An ADD instruction (the instruction code=16) is an arithmetic add instruction that performs arithmetic add of the lower 16-bit data of a 32-bit data item (N1) and the lower 16-bit data of a 32-bit data item (N2) and performs arithmetic add of the upper 16-bit data of the 32-bit data item (N1) and the upper 16-bit data of the 32-bit data item (N2). Two 32-bit data items are popped up from the stack register (firstly, N2 and secondly N1). Thereafter, 32-bit execution result data (R1) is pushed onto the stack register.
A SUB instruction (the instruction code=17) is an arithmetic subtract instruction that performs arithmetic subtraction between the lower 16-bit data of a 32-bit data item (N1) and the lower 16-bit data of a 32-bit data item (N2) and performs arithmetic subtraction between the upper 16-bit data of the 32-bit data item (N1) and the upper 16-bit data of the 32-bit data item (N2) (N1−N2). Two 32-bit data items are popped up from the stack register (firstly, N2 and secondly N1). Thereafter, 32-bit execution result data (R1) is pushed onto the stack register.

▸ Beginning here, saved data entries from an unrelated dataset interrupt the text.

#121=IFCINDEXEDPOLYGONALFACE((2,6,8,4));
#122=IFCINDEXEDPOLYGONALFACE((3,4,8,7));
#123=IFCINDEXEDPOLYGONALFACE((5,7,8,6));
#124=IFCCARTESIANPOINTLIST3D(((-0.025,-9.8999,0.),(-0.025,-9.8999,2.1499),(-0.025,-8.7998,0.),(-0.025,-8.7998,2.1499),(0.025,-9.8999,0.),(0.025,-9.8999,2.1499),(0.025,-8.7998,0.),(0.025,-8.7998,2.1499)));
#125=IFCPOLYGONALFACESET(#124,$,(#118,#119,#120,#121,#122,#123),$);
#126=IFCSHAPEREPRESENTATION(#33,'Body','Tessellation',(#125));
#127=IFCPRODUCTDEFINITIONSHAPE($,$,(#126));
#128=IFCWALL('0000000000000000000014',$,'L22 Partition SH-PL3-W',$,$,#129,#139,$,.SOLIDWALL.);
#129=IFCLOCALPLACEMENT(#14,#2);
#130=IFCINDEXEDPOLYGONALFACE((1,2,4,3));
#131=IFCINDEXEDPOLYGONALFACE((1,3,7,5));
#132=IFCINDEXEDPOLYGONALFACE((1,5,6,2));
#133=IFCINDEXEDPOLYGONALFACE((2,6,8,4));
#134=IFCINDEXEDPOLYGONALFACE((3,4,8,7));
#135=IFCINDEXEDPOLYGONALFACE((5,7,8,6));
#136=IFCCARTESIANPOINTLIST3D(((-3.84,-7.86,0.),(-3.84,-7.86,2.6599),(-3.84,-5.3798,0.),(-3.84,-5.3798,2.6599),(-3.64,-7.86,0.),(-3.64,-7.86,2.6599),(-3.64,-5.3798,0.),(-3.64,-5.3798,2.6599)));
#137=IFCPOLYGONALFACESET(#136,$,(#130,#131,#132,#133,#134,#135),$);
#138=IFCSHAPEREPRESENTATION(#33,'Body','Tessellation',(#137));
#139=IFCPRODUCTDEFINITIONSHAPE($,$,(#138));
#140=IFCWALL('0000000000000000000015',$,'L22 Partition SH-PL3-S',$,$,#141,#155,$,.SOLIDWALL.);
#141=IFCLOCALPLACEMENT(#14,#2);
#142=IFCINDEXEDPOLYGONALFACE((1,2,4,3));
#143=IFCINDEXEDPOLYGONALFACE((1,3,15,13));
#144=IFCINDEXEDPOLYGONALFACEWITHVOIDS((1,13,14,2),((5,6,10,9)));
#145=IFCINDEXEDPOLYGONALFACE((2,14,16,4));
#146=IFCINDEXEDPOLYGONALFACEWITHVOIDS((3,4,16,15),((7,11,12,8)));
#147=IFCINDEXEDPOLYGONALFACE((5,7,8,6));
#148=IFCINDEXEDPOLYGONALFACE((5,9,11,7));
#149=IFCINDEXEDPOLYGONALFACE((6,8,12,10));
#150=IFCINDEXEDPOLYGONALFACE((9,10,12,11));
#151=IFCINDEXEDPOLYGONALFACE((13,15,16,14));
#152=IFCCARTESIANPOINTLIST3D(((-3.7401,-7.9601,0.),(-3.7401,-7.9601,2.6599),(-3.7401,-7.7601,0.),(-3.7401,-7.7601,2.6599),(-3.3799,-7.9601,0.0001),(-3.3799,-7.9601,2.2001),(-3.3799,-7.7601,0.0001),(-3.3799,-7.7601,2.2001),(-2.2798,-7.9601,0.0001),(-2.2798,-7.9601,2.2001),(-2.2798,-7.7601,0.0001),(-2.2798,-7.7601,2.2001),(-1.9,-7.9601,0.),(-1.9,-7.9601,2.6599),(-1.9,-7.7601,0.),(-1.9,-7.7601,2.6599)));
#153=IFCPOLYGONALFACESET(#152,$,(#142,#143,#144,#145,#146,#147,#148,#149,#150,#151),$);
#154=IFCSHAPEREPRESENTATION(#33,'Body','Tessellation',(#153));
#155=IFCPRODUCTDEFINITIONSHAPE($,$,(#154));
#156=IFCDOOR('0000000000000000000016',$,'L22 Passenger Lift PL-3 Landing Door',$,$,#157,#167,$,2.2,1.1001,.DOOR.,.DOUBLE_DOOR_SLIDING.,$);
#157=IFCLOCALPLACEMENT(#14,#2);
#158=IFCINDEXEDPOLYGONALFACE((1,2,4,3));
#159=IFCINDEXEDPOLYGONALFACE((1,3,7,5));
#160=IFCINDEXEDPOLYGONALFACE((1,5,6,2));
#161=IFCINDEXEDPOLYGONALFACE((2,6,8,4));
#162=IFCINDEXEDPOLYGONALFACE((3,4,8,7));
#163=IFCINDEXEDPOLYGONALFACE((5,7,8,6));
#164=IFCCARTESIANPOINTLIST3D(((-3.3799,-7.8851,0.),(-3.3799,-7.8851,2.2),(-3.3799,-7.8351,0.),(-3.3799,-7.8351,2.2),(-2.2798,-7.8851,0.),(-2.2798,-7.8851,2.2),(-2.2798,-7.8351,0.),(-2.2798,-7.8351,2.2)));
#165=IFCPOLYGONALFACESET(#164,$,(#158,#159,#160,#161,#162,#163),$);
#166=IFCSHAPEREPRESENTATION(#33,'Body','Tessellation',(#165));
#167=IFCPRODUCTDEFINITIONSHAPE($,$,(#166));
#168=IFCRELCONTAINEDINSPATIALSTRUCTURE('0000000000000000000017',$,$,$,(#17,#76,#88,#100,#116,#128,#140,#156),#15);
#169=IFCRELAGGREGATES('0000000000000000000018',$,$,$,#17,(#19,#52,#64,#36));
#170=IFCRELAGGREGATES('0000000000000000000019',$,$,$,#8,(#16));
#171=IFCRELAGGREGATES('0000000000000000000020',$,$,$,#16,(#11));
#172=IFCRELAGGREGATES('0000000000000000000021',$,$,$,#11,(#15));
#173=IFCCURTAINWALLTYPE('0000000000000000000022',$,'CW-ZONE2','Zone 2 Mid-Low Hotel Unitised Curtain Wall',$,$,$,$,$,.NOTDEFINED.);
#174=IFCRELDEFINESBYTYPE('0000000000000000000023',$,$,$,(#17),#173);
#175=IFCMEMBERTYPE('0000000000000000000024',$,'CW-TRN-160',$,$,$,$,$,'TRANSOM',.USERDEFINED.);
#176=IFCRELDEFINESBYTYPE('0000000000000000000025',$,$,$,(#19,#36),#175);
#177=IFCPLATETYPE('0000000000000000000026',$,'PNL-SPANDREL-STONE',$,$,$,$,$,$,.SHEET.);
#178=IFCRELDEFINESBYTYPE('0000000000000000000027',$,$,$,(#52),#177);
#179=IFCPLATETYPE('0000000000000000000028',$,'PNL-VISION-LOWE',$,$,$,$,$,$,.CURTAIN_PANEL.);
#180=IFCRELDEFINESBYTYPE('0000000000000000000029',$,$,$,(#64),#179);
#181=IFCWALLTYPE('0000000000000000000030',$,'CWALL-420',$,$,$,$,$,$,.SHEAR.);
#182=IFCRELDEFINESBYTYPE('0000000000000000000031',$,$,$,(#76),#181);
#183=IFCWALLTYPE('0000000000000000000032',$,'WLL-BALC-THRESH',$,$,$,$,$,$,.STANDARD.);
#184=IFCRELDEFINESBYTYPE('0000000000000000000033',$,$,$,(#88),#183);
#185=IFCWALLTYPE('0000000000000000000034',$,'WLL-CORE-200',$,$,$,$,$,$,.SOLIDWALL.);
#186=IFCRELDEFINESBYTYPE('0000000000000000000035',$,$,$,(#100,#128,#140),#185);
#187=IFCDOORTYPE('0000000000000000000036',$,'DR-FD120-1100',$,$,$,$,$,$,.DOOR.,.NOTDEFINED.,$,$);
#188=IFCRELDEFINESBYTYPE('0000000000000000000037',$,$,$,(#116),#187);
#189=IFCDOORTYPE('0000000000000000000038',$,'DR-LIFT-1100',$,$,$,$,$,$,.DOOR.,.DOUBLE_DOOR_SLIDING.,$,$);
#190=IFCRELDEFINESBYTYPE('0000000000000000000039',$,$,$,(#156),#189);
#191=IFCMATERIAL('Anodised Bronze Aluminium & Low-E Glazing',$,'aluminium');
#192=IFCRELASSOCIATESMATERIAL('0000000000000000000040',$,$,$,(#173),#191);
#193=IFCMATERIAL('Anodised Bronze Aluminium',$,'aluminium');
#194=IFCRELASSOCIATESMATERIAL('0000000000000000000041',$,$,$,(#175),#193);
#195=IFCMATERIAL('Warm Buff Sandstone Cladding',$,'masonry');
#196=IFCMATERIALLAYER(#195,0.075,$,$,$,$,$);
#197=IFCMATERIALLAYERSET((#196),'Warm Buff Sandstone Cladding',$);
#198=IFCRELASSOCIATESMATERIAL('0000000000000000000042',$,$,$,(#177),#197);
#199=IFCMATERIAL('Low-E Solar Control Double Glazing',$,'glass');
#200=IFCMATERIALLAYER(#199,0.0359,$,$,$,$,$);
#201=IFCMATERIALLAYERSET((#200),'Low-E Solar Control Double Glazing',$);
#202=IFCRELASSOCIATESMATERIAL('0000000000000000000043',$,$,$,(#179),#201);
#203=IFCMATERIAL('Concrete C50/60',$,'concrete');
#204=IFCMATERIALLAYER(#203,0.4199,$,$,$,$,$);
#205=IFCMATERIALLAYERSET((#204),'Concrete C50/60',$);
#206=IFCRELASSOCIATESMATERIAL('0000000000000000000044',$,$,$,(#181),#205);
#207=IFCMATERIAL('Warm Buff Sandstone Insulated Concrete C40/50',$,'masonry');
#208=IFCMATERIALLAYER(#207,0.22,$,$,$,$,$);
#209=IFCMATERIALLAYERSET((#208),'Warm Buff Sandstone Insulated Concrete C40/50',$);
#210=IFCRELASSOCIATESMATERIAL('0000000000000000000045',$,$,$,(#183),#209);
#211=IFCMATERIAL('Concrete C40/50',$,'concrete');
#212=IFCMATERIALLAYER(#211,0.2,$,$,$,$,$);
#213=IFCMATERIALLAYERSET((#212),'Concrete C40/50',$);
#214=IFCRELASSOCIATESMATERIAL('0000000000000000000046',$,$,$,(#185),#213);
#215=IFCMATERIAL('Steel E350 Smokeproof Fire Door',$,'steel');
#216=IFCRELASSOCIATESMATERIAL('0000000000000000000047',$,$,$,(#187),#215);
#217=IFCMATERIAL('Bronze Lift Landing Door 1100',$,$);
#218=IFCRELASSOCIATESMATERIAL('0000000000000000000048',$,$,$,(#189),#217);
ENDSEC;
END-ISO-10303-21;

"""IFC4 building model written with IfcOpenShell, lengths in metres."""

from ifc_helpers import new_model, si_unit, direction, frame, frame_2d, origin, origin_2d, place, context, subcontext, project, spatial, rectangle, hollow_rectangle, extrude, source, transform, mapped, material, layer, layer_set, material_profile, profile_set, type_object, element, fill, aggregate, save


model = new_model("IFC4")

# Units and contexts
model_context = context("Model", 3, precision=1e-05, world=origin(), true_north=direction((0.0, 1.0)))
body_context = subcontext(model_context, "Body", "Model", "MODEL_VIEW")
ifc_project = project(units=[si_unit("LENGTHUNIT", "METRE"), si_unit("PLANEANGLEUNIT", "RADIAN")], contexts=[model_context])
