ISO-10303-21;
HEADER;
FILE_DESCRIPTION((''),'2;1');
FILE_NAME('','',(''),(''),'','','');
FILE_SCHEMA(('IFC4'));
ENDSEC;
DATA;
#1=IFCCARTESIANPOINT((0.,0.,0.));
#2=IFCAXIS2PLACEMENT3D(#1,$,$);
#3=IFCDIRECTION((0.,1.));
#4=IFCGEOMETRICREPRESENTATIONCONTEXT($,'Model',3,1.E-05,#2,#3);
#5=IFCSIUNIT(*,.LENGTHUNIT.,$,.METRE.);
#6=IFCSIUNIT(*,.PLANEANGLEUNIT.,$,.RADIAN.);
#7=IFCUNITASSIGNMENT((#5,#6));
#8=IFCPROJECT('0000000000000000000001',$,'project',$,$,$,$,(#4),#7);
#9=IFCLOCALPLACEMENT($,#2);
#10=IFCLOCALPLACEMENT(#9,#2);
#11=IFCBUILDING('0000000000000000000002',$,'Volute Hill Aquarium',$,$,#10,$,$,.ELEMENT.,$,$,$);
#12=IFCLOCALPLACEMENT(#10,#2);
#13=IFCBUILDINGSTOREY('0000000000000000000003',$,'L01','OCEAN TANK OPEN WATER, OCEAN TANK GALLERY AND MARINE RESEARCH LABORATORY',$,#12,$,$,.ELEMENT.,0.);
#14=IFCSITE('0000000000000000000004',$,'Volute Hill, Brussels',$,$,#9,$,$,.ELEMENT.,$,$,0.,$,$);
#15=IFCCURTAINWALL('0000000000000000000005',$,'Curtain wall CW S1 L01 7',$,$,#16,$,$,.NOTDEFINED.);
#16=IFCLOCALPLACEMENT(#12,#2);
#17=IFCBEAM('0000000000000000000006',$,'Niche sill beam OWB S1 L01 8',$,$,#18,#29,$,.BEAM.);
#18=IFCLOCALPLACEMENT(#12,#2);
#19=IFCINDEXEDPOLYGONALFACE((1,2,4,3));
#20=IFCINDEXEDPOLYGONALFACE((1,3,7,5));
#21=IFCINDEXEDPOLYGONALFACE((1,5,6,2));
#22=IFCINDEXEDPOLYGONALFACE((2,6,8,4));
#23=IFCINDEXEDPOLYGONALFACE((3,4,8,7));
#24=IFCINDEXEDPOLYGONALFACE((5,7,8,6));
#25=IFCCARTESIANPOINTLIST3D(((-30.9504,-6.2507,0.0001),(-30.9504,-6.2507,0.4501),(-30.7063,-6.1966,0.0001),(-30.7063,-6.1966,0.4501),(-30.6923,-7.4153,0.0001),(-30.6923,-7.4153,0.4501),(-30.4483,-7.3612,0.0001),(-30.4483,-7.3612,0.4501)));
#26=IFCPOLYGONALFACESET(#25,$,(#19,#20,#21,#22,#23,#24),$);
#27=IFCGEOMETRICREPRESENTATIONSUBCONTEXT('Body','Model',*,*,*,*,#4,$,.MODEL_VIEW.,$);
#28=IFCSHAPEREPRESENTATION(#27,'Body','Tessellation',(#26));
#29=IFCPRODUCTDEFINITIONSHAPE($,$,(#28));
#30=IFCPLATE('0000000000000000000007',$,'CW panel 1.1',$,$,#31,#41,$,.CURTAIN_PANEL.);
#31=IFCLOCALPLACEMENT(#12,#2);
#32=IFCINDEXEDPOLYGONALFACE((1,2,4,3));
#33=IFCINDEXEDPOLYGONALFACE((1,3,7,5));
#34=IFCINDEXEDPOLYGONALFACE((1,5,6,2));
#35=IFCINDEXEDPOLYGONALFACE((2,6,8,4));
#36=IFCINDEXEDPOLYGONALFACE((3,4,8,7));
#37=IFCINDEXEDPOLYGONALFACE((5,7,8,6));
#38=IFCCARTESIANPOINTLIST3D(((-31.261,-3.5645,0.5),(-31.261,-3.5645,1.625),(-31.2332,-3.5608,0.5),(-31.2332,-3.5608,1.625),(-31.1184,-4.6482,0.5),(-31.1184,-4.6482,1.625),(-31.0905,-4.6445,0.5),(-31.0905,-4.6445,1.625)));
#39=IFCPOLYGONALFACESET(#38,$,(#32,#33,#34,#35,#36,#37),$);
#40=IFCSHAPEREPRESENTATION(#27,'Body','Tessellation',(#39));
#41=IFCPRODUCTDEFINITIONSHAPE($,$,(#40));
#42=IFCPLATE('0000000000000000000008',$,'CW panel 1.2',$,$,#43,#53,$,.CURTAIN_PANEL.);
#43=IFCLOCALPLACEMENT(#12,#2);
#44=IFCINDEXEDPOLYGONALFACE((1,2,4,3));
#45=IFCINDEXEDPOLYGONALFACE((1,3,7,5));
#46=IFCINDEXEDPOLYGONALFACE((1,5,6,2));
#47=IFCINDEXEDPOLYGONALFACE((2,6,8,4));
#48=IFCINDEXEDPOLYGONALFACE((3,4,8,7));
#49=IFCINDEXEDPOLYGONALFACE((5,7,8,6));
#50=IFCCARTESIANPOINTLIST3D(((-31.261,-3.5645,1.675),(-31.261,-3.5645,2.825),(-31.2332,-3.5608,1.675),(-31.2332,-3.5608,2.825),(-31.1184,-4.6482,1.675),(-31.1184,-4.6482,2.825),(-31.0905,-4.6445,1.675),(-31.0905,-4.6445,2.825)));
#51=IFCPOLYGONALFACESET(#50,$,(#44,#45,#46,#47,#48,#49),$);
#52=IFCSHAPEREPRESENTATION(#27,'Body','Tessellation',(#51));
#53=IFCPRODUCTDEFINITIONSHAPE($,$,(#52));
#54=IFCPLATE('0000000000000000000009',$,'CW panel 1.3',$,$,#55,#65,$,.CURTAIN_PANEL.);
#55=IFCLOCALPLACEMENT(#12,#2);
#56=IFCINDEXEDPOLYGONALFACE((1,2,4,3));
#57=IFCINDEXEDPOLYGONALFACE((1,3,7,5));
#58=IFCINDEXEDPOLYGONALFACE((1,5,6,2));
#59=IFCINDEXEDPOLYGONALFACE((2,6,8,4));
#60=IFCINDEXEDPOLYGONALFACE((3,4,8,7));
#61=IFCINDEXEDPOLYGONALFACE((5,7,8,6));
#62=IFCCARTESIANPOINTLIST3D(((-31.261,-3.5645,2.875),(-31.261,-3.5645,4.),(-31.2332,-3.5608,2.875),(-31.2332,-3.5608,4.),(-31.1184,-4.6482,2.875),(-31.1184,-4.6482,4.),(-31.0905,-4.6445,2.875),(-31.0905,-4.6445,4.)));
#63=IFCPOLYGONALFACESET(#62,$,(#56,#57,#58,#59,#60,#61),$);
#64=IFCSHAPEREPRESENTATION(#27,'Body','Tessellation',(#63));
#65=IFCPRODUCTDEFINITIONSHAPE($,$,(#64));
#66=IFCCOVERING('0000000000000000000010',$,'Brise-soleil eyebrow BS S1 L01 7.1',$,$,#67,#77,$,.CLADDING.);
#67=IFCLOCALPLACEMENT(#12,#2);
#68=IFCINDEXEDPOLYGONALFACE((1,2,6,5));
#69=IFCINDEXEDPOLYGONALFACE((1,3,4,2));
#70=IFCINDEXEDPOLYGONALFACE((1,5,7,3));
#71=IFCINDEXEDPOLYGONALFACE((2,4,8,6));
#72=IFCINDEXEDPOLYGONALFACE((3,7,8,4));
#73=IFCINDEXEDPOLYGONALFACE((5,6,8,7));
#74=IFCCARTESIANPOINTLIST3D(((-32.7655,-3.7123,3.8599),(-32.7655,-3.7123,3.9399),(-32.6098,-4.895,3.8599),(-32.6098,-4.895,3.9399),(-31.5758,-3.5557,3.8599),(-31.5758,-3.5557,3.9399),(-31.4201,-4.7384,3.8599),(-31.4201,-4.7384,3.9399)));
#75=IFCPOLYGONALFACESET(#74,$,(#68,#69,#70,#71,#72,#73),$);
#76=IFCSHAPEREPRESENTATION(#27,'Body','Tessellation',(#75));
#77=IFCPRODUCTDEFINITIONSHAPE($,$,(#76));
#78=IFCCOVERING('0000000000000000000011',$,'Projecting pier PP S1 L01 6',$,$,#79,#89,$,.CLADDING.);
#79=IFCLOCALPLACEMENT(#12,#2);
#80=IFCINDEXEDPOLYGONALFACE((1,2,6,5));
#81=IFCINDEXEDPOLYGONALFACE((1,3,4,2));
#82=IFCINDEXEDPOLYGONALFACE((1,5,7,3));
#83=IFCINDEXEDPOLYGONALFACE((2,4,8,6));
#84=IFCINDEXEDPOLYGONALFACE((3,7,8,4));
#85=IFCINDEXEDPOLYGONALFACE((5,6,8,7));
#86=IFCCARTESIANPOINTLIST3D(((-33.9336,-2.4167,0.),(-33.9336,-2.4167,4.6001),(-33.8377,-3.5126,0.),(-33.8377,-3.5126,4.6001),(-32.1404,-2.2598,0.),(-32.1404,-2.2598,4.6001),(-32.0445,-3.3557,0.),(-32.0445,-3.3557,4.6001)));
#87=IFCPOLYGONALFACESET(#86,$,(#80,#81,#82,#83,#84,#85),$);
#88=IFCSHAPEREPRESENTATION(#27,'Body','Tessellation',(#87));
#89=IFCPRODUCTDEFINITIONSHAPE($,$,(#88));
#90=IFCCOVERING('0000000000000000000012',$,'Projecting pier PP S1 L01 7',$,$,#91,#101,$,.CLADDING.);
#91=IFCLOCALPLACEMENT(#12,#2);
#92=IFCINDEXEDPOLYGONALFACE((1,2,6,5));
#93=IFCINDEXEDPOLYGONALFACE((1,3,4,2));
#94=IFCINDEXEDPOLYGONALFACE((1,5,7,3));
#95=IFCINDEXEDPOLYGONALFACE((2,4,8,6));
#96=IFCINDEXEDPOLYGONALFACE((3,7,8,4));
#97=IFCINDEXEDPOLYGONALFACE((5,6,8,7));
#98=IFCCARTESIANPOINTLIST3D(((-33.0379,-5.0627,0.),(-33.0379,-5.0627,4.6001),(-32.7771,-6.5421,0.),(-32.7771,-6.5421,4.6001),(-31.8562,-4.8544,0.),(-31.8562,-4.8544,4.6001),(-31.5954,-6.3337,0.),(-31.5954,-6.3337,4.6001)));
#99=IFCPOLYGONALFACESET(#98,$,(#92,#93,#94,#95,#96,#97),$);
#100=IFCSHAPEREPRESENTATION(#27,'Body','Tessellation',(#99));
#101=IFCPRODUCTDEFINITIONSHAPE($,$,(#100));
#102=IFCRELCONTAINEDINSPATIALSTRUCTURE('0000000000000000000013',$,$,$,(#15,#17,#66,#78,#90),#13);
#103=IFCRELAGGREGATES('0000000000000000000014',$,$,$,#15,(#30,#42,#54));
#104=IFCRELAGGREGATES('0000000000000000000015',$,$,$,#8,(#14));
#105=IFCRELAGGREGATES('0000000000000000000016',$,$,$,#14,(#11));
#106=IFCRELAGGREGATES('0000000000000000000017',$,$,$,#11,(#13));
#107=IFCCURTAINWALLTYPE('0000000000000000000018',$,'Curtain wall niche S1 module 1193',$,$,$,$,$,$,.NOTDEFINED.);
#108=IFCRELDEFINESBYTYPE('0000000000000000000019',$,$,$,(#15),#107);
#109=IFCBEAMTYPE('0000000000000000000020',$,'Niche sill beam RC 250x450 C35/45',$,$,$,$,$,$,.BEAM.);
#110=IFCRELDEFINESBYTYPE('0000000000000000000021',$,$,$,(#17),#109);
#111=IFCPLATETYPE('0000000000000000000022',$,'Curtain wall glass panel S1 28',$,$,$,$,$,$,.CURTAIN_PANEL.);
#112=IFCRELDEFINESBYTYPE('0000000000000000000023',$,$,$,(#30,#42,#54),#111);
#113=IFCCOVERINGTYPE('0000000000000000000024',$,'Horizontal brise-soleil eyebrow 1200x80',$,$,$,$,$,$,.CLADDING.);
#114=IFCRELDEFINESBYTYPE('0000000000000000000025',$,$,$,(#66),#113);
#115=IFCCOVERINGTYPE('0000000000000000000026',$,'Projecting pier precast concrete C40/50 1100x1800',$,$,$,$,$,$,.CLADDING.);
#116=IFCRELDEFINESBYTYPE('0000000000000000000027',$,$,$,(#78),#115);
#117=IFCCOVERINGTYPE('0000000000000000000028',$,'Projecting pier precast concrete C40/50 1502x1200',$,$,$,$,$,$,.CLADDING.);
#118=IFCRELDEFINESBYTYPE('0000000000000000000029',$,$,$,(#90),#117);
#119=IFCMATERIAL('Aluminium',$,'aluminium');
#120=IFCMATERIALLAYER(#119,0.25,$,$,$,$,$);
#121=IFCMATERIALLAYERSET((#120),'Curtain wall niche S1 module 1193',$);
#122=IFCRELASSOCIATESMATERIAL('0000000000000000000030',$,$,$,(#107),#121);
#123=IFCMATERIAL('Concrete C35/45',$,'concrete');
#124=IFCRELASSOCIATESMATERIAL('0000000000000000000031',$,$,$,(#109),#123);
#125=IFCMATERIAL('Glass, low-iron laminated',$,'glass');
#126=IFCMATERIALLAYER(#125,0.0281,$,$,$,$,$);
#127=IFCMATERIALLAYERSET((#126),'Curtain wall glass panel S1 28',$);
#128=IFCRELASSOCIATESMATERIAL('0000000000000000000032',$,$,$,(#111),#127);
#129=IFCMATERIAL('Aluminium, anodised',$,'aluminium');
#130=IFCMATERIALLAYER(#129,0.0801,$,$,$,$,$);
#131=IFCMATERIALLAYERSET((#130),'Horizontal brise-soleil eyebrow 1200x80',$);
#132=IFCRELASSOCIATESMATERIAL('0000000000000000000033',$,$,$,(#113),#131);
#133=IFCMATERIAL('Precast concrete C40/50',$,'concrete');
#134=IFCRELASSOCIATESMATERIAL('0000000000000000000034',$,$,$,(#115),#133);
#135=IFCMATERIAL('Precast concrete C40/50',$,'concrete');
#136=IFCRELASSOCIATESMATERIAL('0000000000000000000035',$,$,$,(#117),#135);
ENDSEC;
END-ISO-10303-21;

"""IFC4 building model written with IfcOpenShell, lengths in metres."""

from ifc_helpers import new_model, si_unit, direction, frame, origin, origin_2d, place, context, subcontext, project, spatial, rectangle, extrude, material, layer, layer_set, material_profile, profile_set, type_object, element, aggregate, save


model = new_model("IFC4")

# Units and contexts
model_context = context("Model", 3, precision=1e-05, world=origin(), true_north=direction((0.0, 1.0)))
body_context = subcontext(model_context, "Body", "Model", "MODEL_VIEW")
ifc_project = project(units=[si_unit("LENGTHUNIT", "METRE"), si_unit("PLANEANGLEUNIT", "RADIAN")], contexts=[model_context])

# Site, building, storey
site_placement = place(None, origin())
site = spatial("IfcSite", under=ifc_project, at=site_placement, Name="Volute Hill, Brussels", CompositionType="ELEMENT", RefElevation=0.0)
building_placement = place(site_placement, origin())
building = spatial("IfcBuilding", under=site, at=building_placement, Name="Volute Hill Aquarium", CompositionType="ELEMENT")
storey_placement = place(building_placement, origin())
storey = spatial("IfcBuildingStorey", under=building, at=storey_placement, Name="L01", Description="OCEAN TANK OPEN WATER, OCEAN TANK GALLERY AND MARINE RESEARCH LABORATORY", CompositionType="ELEMENT", Elevation=0.0)

# Curtain wall
ifc_material_1 = material(Name="Aluminium", Category="aluminium")
ifc_layer_1 = layer(ifc_material_1, 0.25)
ifc_layer_set_1 = layer_set([ifc_layer_1], Name="Curtain wall niche S1 module 1193")
curtain_wall_type = type_object("IfcCurtainWallType", Name="Curtain wall niche S1 module 1193", PredefinedType="NOTDEFINED", material=ifc_layer_set_1)
curtain_wall_1_placement = place(storey_placement, origin())
curtain_wall_1 = element("IfcCurtainWall", 1, at=curtain_wall_1_placement, inside=storey, type_object=curtain_wall_type, Name="Curtain wall CW S1 L01 7", PredefinedType="NOTDEFINED")

# Beam
ifc_material_2 = material(Name="Concrete C35/45", Category="concrete")
ifc_material_profile_1 = material_profile(ifc_material_2, rectangle(XDim=0.25, YDim=0.45, at=origin_2d()), Name="RC beam 250x450")
ifc_profile_set_1 = profile_set([ifc_material_profile_1], Name="Concrete C35/45")
beam_type_1 = type_object("IfcBeamType", Name="Niche sill beam RC 250x450 C35/45", PredefinedType="BEAM", material=ifc_profile_set_1)
for number, where, z_axis, x_axis, name in (
    (2, (-30.8284, -6.2236, 0.2251), (0.216345, -0.976317, 0.0), (0.976317, 0.216345, 0.0), "Niche sill beam OWB S1 L01 8"),
):
    element("IfcBeam", number, at=place(storey_placement, frame(where, z_axis=z_axis, x_axis=x_axis)), inside=storey, type_object=beam_type_1, Name=name, PredefinedType="BEAM", context=body_context, shape_type="SweptSolid", body=[
        extrude(rectangle(XDim=0.25, YDim=0.45, at=origin_2d()), origin(), (0.0, 0.0, 1.0), 1.1929),
    ])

A PAR instruction (the instruction code=18) is a packaging instruction that combines the lower 16-bit data of a 32-bit data item (N1) with the lower 16-bit data of a 32-bit data item (N2) and outputs a 32-bit data item. Two 32-bit data items N1 and N2 are popped up from the stack register (firstly, N2 and secondly N1). Thereafter, 32-bit execution result data (R1) is pushed onto the stack register. In general, a plurality of data items are sequentially popped up from the top of the stack. The data at a predetermined bit position of the data items or data items of predetermined stacks are concatenated into one data item, which is pushed onto the stack top.
A DUP instruction (the instruction code=19) is a copy instruction that pops up a 32-bit data item (N1) from a stack register and pushes the data items onto the stack register twice so that two 32-bit data items (R1 and R2) are stacked.
A SER instruction (the instruction code=20) is a packaging instruction that retrieves the upper 16 bits of a 32-bit data item (N1), uses the 16 bits as the upper 16 bits of a 32-bit data item (R1), retrieves the lower 16 bits of the data item (N1) and uses the 16 bits as the upper 16 bits or the lower 16 bits of another 32-bit data item (R2). The 32-bit data item (N1) serving as a source is popped from a stack register. Thereafter, two 32-bit execution result data items (R1 and R2) are pushed onto the stack register (firstly, R1 and secondly R2). In general, a data item at the top of the stack is separated into a plurality of data items, and each of the separated data items is processed in a predetermined manner. Thereafter, the data items are sequentially pushed onto the stack top.
A ROT instruction (the instruction code=21) is a rotation instruction that pops up three 32-bit data items from a stack register and performs a push operation three times so that the data item at the top is moved to the third position.
A SWAP instruction (the instruction code=22) is a swap instruction that pops up two 32-bit data items from a stack register and performs a push operation twice so that the data items are exchanged in the stack register.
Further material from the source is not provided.